夕食が運ばれた食堂には、顔なじみの人々が招かれている。私は彼等一人一人に丁寧に挨拶をしてから、席についた。
豪華な食事に舌鼓をうち、気の合う友人たちとグラスを掲げあい、談笑する。食事とは誠に良いものだ、と感動する。話が合わなくても、食事の評価についてなら盛り上がることができる。彼等のざわつきも、決して政治的理由による駆け引きだけではない事に、喜びを感じた。私が目指した道は、皇帝になることなどではなく、音や笑いに満ちた、ささやかな修道生活であった。その夢が断たれた今、この食事の賑わいとひとり音楽に勤しむ時間のみが、私を癒してくれる。
私は目の前の食器を見た。東洋から購入した由緒あるものだ。
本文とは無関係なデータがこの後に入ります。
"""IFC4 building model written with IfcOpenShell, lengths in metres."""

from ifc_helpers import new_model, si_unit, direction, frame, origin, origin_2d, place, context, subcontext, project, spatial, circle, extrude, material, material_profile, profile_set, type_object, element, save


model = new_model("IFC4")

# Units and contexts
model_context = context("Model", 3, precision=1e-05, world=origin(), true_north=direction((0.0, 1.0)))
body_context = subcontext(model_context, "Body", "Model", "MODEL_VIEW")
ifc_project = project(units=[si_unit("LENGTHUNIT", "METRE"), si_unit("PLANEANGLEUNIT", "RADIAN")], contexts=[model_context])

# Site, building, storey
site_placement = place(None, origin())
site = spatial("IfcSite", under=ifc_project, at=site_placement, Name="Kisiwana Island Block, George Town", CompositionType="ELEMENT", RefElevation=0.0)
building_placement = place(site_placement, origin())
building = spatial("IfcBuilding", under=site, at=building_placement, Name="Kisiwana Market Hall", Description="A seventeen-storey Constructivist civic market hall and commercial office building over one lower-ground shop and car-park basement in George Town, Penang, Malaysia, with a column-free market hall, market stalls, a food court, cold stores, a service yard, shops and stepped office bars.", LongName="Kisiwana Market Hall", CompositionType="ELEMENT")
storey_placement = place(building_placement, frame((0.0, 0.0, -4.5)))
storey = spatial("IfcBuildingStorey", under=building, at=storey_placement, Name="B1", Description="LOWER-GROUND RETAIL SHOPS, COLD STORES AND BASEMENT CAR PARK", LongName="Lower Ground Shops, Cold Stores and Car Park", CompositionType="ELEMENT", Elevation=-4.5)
思えば、屈辱的な戦争の終止符を打たされ、その後の処理を押し付けられた。それでも、必死にできもしない仕事をし続けて、今の私がいる。これも、神のお導きなのだろう。ならばきっと、私はこの国を立て直さねばならない。まず、今は、多くの命を救う英断をしなければならない。私は、私に課された試練を切り分けた肉とともに噛み締めた。
穏やかな笑い声が、食堂に響いていた。
翌朝、私は起きてすぐに、教会へと向かった。
静かな時間。司祭の声が、高い天井に響く。私の求めたのは、この中にいる生活だった筈だ。
すがる者さえない人々がいる。明日を見ることもなく、仕事に励むことだけでしか安らぎを受けられない人がいる。私は、その人達を憐れむ。
鐘の音が響くと、町の商人が忙しなく動き回るようになる。まるで餌を求めるアリのように、美しくない極彩色の景色を作っている。
「陛下、そろそろお時間です」
「分かっている。」
私は、美しい時間に別れを告げ、立ち上がった。そして、神の偶像を背にして、歩き出した。
私の旅は続く。しかし、いつ終わるのかを知らぬ
私は、生きている。
しかし、いつ死ぬのかを知らぬ。
不思議なことに、私は幸せだ。
先祖の言葉が頭をよぎった。私は、やるべきことをする。そしてその合間に、私は祈る。どうか、この災厄が終わり、再び愛する市民たちが息を吹き返すことを。